L'entretien préalable est obligatoire
L'employeur qui envisage de licencier un salarié doit le convoquer, avant toute décision, à un entretien. Institué pour protéger les travailleurs de décisions arbitraires, cet entretien a pour vocation d'établir un dialogue avec l'employeur afin d'éviter le licenciement.
Il existe un seul cas dans lequel l'entretien préalable au licenciement n'est pas obligatoire : lorsqu'au moins 10 salariés sont licenciés pour motif économique sur une même période de 30 jours et s'il existe un CSE dans l'entreprise.
Hormis cette hypothèse, tout licenciement doit être précédé d'un entretien, quelle que soit l'ancienneté du salarié ou l'effectif de l'entreprise (Art. L. 1232-2 du C. Trav)

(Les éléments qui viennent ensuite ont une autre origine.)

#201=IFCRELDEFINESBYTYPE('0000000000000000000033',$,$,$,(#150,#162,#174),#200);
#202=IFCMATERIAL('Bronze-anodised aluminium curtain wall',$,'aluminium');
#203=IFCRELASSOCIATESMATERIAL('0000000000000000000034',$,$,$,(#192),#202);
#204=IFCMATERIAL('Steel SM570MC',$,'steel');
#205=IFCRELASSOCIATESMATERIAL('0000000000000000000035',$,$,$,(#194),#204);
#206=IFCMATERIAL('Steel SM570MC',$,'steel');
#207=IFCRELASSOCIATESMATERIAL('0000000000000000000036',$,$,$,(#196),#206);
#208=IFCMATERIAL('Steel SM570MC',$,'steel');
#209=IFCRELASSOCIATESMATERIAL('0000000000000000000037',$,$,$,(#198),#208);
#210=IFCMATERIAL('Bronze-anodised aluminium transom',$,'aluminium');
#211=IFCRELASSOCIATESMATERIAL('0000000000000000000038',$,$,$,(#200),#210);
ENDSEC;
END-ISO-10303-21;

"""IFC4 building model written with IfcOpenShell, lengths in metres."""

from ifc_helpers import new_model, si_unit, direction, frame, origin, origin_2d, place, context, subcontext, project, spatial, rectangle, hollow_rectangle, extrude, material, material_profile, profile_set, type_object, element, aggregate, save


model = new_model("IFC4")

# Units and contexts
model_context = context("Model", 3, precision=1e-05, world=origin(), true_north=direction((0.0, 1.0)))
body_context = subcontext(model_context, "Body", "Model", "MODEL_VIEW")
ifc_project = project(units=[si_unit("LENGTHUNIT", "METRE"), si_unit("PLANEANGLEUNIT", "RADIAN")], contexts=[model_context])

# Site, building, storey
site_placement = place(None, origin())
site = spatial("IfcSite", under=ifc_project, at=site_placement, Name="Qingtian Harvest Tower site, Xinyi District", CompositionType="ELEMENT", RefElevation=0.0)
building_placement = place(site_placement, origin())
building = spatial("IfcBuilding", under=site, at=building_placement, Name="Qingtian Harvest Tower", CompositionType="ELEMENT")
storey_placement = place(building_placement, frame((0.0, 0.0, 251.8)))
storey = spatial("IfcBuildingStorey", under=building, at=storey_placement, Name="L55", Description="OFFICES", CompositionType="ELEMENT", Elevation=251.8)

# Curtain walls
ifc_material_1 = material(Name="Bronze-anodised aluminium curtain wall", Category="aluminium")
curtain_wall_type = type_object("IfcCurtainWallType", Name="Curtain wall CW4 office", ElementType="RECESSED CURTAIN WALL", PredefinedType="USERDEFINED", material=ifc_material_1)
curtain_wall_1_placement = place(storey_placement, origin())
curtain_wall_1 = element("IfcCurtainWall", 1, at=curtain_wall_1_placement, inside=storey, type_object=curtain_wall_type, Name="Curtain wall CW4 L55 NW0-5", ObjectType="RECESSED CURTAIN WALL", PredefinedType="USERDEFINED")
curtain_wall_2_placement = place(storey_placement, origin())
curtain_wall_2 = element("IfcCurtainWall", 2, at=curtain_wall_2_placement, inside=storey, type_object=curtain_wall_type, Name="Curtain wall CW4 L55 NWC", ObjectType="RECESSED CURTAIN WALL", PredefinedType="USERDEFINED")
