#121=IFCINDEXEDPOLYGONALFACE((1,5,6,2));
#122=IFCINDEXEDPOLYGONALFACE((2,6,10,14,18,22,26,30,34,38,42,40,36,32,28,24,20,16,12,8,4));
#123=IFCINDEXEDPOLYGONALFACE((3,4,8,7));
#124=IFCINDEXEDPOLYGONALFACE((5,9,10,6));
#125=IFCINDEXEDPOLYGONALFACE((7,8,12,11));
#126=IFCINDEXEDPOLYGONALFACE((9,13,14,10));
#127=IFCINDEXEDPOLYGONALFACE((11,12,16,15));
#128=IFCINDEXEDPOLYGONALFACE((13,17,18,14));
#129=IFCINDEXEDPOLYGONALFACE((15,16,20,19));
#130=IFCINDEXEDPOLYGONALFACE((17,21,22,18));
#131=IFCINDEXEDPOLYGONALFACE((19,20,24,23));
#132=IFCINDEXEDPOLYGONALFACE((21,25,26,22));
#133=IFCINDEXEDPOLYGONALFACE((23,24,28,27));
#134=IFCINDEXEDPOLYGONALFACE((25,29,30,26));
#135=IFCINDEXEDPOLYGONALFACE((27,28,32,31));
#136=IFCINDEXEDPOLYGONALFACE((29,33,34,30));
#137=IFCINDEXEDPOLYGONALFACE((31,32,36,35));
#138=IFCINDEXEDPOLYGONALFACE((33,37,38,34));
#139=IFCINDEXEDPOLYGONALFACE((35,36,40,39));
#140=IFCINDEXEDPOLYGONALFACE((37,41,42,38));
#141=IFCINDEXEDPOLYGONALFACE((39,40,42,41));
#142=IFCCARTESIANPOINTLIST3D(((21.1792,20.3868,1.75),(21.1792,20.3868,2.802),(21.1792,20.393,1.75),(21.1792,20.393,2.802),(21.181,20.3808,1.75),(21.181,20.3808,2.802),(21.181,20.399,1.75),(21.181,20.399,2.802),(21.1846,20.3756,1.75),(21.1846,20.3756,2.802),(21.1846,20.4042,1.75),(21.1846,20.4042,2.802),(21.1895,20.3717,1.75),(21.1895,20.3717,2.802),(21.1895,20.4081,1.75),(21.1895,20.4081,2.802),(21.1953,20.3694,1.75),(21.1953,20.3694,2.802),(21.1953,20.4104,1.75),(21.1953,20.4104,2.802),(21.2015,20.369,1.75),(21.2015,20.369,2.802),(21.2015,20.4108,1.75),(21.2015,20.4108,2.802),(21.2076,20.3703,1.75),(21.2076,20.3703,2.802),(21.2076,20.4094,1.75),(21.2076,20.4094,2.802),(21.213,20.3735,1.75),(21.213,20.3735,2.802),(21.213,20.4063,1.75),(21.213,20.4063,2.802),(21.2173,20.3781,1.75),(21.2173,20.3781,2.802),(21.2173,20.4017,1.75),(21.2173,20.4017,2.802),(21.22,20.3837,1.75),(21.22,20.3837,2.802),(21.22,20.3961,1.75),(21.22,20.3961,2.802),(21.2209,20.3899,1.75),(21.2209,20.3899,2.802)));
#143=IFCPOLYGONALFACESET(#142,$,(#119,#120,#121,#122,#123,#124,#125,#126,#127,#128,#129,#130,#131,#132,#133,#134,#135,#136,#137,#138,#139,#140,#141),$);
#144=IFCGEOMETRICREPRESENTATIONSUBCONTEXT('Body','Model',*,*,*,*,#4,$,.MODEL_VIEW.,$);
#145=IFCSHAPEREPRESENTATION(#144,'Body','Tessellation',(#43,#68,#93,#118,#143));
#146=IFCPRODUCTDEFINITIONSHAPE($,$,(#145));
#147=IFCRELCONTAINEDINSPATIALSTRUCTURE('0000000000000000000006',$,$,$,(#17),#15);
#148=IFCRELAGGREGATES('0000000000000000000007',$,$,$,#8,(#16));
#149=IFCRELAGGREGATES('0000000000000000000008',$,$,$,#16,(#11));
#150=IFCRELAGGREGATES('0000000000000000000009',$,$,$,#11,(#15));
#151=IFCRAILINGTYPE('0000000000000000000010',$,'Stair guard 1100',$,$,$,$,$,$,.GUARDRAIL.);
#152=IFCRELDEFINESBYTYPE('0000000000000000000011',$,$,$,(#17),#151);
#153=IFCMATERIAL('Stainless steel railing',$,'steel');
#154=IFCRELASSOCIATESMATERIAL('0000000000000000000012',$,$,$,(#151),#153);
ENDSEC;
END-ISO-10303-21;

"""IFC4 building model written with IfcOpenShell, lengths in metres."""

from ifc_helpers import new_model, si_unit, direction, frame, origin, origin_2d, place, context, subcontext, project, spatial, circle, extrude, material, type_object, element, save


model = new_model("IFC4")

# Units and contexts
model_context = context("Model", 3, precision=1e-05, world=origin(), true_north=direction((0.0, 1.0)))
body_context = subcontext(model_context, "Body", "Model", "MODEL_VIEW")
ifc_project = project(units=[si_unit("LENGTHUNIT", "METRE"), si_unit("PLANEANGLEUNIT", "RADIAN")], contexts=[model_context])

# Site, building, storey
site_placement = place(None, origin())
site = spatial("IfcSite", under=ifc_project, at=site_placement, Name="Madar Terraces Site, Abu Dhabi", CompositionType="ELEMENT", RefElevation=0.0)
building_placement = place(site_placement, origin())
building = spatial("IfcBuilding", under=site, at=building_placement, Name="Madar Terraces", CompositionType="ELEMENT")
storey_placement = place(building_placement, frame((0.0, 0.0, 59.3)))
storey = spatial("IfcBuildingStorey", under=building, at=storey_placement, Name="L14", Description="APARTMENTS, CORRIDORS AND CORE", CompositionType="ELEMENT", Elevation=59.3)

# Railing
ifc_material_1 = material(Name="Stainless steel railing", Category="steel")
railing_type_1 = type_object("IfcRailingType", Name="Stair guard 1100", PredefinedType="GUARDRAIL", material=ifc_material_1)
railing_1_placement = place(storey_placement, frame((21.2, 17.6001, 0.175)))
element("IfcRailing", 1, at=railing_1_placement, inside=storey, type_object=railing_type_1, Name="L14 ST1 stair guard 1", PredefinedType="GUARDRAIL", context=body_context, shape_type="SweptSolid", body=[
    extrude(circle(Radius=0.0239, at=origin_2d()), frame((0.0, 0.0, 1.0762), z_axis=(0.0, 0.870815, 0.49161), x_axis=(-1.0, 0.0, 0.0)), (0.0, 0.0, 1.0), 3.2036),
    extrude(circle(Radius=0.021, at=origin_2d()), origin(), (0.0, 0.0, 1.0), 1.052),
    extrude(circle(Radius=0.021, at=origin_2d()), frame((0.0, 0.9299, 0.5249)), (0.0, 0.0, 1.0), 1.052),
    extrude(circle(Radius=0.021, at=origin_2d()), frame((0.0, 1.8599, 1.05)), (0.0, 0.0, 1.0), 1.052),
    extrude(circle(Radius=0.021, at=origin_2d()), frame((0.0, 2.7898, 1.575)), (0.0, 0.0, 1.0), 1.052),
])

Un appel téléphonique ne peut pas remplacer un entretien préalable
Dans un ancien arrêt de 1991, la Cour de Cassation a jugé qu'une conversation téléphonique ne peut pas remplacer l'entretien préalable au licenciement (Cass. soc. 14 nov. 1991, n°90-44195). Cette jurisprudence toujours d'actualité, a été confortée en février dernier par la Cour d'appel d'Aix-en-Provence. Elle rappelle qu'un entretien préalable qui se déroule par téléphone n'est pas une pratique autorisée par la loi, ni validée par la jurisprudence. La procédure de licenciement est par conséquent irrégulière en cas d'entretien par téléphone (CA Aix-en-Provence, 14 févr.⁄2020, n° 17/10274).
La position de la jurisprudence est donc très claire : les entretiens préalables à licenciement réalisés par téléphone ne sont pas réguliers.
Des décisions nuancées concernant la visioconférence
Concernant la visioconférence, La Cour de cassation ne s'est pas encore prononcée, mais différentes cours d'appel ont déjà dû se positionner ces dernières années.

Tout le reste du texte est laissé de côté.